I apologize to the non-hack who did the install.


----------



## socalelect (Nov 14, 2011)

He used sharpie on the conduit he's deffinatly a hack.


----------



## 480sparky (Sep 20, 2007)

socalelect said:


> He used sharpie on the conduit he's deffinatly a hack.


Looks like a pencil to me.


----------



## socalelect (Nov 14, 2011)

480sparky said:


> Looks like a pencil to me.


Looked like sharpie on my phone. Who knows


----------



## Celtic (Nov 19, 2007)

Its only wrong if you are paying attention:


----------



## user4818 (Jan 15, 2009)

I see nothing wrong with that installation. :no:


----------



## macmikeman (Jan 23, 2007)

Celtic said:


> Its only wrong if you are paying attention:


Celtic ! How you doin. Been a while that I can tell.....


----------



## macmikeman (Jan 23, 2007)

I must say, I kinda like the strap in the second picture. Clever...


----------



## leland (Dec 28, 2007)

B W E said:


> Funny that he bothered using connectors on the recessed lights.
> 
> I just noticed that on my iPad I can just talk and it will type for me.



Some have noticed it will think for them. 

Stay in control!!


----------



## Celtic (Nov 19, 2007)

macmikeman said:


> Celtic ! How you doin. Been a while that I can tell.....


I'm good...thanks for asking.....been a few months 

How are things with you?
Busy?


----------



## macmikeman (Jan 23, 2007)

Celtic said:


> I'm good...thanks for asking.....been a few months
> 
> How are things with you?
> Busy?


Was, for about 5 yrs solid. Cruising now...


----------



## B4T (Feb 10, 2009)

I can't believe an electrician would run THHN without conduit.. more like a handyman or carpenter..


----------



## socalelect (Nov 14, 2011)

B4T said:


> I can't believe an electrician would run THHN without conduit.. more like a handyman or carpenter..


Handy andy. Or harry homeowner


----------



## user4818 (Jan 15, 2009)

B4T said:


> I can't believe an electrician would run THHN without conduit.. more like a handyman or carpenter..


I can't believe an electrician would bury a box in someone's front lawn.

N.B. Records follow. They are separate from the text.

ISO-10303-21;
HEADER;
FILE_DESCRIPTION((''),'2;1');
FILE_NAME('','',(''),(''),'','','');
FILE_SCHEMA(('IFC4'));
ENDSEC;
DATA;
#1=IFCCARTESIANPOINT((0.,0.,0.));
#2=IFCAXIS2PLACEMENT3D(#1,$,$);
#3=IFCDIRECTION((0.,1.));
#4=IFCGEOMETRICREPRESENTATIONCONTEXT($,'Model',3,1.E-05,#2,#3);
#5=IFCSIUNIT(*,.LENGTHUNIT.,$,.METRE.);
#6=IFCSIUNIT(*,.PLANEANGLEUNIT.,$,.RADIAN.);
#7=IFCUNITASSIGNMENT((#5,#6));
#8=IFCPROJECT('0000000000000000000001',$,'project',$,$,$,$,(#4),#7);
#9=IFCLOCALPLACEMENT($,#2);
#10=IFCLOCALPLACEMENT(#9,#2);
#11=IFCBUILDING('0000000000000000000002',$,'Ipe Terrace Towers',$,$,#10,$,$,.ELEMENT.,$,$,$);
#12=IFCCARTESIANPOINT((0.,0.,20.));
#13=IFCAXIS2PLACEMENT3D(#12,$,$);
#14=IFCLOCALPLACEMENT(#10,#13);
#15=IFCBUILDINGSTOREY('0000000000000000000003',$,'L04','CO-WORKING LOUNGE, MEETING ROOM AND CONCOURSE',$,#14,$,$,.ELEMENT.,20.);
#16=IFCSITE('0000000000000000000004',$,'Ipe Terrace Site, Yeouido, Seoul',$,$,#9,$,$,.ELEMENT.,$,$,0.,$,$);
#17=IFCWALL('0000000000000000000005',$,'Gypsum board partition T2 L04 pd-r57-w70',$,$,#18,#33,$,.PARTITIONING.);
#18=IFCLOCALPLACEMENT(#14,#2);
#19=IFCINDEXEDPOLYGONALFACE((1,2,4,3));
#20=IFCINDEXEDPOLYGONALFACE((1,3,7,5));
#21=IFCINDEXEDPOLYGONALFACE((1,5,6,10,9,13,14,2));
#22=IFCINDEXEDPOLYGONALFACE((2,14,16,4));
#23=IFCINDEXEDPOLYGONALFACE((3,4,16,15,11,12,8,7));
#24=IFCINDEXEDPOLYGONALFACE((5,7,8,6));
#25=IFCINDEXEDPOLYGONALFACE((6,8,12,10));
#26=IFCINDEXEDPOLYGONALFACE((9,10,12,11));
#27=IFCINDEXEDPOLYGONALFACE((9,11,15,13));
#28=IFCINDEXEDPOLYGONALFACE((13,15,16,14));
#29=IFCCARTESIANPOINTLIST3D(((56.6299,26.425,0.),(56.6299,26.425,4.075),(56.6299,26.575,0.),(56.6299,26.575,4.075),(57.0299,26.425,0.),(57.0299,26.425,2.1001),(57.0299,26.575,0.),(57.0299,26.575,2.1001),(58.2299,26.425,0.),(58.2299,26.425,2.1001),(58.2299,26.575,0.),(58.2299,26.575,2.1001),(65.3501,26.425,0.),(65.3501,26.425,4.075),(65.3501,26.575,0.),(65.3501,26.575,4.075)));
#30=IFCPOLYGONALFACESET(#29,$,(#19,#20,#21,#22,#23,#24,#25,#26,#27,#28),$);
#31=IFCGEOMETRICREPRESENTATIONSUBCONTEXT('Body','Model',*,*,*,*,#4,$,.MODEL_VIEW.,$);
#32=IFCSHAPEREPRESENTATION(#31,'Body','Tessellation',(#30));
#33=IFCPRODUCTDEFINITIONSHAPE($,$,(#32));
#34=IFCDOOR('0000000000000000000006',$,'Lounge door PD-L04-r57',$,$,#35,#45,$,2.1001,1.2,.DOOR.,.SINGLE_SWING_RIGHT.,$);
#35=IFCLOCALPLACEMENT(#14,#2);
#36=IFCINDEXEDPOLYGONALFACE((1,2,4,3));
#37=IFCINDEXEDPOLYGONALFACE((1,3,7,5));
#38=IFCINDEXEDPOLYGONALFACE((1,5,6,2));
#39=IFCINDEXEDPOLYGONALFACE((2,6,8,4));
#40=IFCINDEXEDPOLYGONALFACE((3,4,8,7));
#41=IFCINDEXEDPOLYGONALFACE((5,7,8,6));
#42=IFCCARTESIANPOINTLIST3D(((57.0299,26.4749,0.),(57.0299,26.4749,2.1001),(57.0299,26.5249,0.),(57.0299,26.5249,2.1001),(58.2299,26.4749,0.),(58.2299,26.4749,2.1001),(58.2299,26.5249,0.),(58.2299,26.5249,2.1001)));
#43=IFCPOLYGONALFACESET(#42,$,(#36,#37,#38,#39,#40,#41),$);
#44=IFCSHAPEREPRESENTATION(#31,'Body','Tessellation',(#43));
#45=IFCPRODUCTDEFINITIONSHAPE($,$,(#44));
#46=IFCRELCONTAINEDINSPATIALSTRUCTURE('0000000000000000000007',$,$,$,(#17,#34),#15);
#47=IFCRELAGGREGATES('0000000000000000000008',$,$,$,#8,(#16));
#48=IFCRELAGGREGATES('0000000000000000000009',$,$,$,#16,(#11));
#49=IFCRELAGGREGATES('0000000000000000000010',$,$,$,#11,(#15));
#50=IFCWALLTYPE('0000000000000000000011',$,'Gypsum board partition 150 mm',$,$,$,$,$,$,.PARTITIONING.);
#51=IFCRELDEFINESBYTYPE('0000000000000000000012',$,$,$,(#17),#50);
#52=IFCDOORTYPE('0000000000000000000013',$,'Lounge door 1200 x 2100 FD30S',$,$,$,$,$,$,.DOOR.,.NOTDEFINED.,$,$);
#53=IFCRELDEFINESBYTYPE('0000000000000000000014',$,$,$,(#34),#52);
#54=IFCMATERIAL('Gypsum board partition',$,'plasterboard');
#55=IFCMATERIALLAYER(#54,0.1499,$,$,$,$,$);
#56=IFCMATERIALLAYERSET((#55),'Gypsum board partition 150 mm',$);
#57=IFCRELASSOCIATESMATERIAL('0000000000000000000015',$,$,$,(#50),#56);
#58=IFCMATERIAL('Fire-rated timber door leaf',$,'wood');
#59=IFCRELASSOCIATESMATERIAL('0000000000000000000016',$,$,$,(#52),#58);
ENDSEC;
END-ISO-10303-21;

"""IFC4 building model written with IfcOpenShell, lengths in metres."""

from ifc_helpers import new_model, si_unit, direction, frame, frame_2d, origin, place, context, subcontext, project, spatial, rectangle, extrude, material, layer, layer_set, type_object, element, fill, save


model = new_model("IFC4")

# Units and contexts
model_context = context("Model", 3, precision=1e-05, world=origin(), true_north=direction((0.0, 1.0)))
body_context = subcontext(model_context, "Body", "Model", "MODEL_VIEW")
ifc_project = project(units=[si_unit("LENGTHUNIT", "METRE"), si_unit("PLANEANGLEUNIT", "RADIAN")], contexts=[model_context])

# Site, building, storey
site_placement = place(None, origin())
site = spatial("IfcSite", under=ifc_project, at=site_placement, Name="Ipe Terrace Site, Yeouido, Seoul", CompositionType="ELEMENT", RefElevation=0.0)
building_placement = place(site_placement, origin())
building = spatial("IfcBuilding", under=site, at=building_placement, Name="Ipe Terrace Towers", CompositionType="ELEMENT")
storey_placement = place(building_placement, frame((0.0, 0.0, 20.0)))
storey = spatial("IfcBuildingStorey", under=building, at=storey_placement, Name="L04", Description="CO-WORKING LOUNGE, MEETING ROOM AND CONCOURSE", CompositionType="ELEMENT", Elevation=20.0)

# Shared definitions
ifc_material_1 = material(Name="Gypsum board partition", Category="plasterboard")
ifc_layer_1 = layer(ifc_material_1, 0.1499)
ifc_layer_set_1 = layer_set([ifc_layer_1], Name="Gypsum board partition 150 mm")
wall_type = type_object("IfcWallType", Name="Gypsum board partition 150 mm", PredefinedType="PARTITIONING", material=ifc_layer_set_1)

# Wall, opening, door
wall_1_placement = place(storey_placement, frame((56.6299, 26.5, 0.0), z_axis=(0.0, 0.0, 1.0), x_axis=(1.0, 0.0, 0.0)))
wall_1 = element("IfcWall", 1, at=wall_1_placement, inside=storey, type_object=wall_type, Name="Gypsum board partition T2 L04 pd-r57-w70", PredefinedType="PARTITIONING", context=body_context, shape_type="SweptSolid", body=[
    extrude(rectangle(XDim=8.7202, YDim=0.1499, at=frame_2d((4.3601, 0.0))), origin(), (0.0, 0.0, 1.0), 4.075),
])
opening_1_placement = place(wall_1_placement, frame((0.3999, 0.0, 0.0)))
opening_1 = element("IfcOpeningElement", 2, at=opening_1_placement, cuts=wall_1, PredefinedType="OPENING", context=body_context, shape_type="SweptSolid", body=[
    extrude(rectangle(XDim=1.2, YDim=2.1001, at=frame_2d((0.6001, 1.05))), frame((0.0, 0.085, 0.0), z_axis=(0.0, -1.0, 0.0), x_axis=(1.0, 0.0, 0.0)), (0.0, 0.0, 1.0), 0.1699),
])
ifc_material_2 = material(Name="Fire-rated timber door leaf", Category="wood")
door_type_1 = type_object("IfcDoorType", Name="Lounge door 1200 x 2100 FD30S", OperationType="NOTDEFINED", PredefinedType="DOOR", material=ifc_material_2)
door_1_placement = place(opening_1_placement, origin())
door_1 = element("IfcDoor", 3, at=door_1_placement, inside=storey, type_object=door_type_1, Name="Lounge door PD-L04-r57", OperationType="SINGLE_SWING_RIGHT", OverallHeight=2.1001, OverallWidth=1.2, PredefinedType="DOOR", context=body_context, shape_type="SweptSolid", body=[
    extrude(rectangle(XDim=1.2, YDim=2.1001, at=frame_2d((0.6001, 1.05))), frame((0.0, 0.0249, 0.0), z_axis=(0.0, -1.0, 0.0), x_axis=(1.0, 0.0, 0.0)), (0.0, 0.0, 1.0), 0.05),
])
fill(opening_1, door_1)

save(model, "model.ifc")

Sorry, I had to for old time's sake. :jester:


----------



## B4T (Feb 10, 2009)

Peter D said:


> I can't believe an electrician would bury a box in someone's front lawn.
> 
> 
> 
> Sorry, I had to for old time's sake. :jester:


I guess the "miracle water" had a lasting effect.. :whistling2::laughing:


----------



## user4818 (Jan 15, 2009)

B4T said:


> I guess the "miracle water" had a lasting effect.. :whistling2::laughing:



Why, are you no longer a hack? :whistling2: :laughing:


----------



## B4T (Feb 10, 2009)

Peter D said:


> Why, are you no longer a hack? :whistling2: :laughing:


I never was.. so I can't be now.. :thumbsup:


----------



## macmikeman (Jan 23, 2007)

I still like the strap....














I'm gonna try that ...


----------



## user4818 (Jan 15, 2009)

B4T said:


> I never was.. so I can't be now.. :thumbsup:


Not true, nobody is immune from becoming a hack. :no:


----------



## MIKEFLASH (Apr 14, 2012)

I wonder if they have those wavy straps for four conduits, or they probably come ten wide then ya break off what ya need like catapillars..... Lol 


----------



## TOOL_5150 (Aug 27, 2007)

MIKEFLASH said:


> I wonder if they have those wavy straps for four conduits, or they probably come ten wide then ya break off what ya need like catapillars..... Lol 


There has been times that straps like that would kick ass.


----------



## handyandy (Jan 3, 2012)

socalelect said:


> Handy andy. Or harry homeowner


Hey bud you don't know me nor seen my work


----------



## sbrn33 (Mar 15, 2007)

Same old Peter d. Doesn't it ever get old to the rest of you guys?


----------



## 19kilosparky984 (Sep 14, 2011)

sbrn33 said:


> Same old Peter d. Doesn't it ever get old to the rest of you guys?


It got old like 3 years ago.....


----------



## ampman (Apr 2, 2009)

B4T said:


> I can't believe an electrician would run THHN without conduit.. more like a handyman or carpenter..


i see that alot


----------



## socalelect (Nov 14, 2011)

handyandy said:


> Hey bud you don't know me nor seen my work


Lol my bad handy andy I didn't think anyone used that name


----------



## user4818 (Jan 15, 2009)

19kilosparky984 said:


> It got old like 3 years ago.....


Cry me a river.


----------



## socalelect (Nov 14, 2011)

Peter D said:


> Cry me a river.


Build me a bridge


----------



## 19kilosparky984 (Sep 14, 2011)

socalelect said:


> Build me a bridge


And then do the forum a favor and jump off


----------



## freeagnt54 (Aug 6, 2008)

socalelect said:


> Handy andy. Or harry homeowner





handyandy said:


> Hey bud you don't know me nor seen my work





socalelect said:


> Lol my bad handy andy I didn't think anyone used that name


Haha


----------



## Shockdoc (Mar 4, 2010)

All the classic signs of a maintanance electrician from the plant 
(a) grey 20 amp T slot duplex
(b) straps and plates remanufactured to serve a purpose
(c) thwn, exactly what the plant has in his shop


----------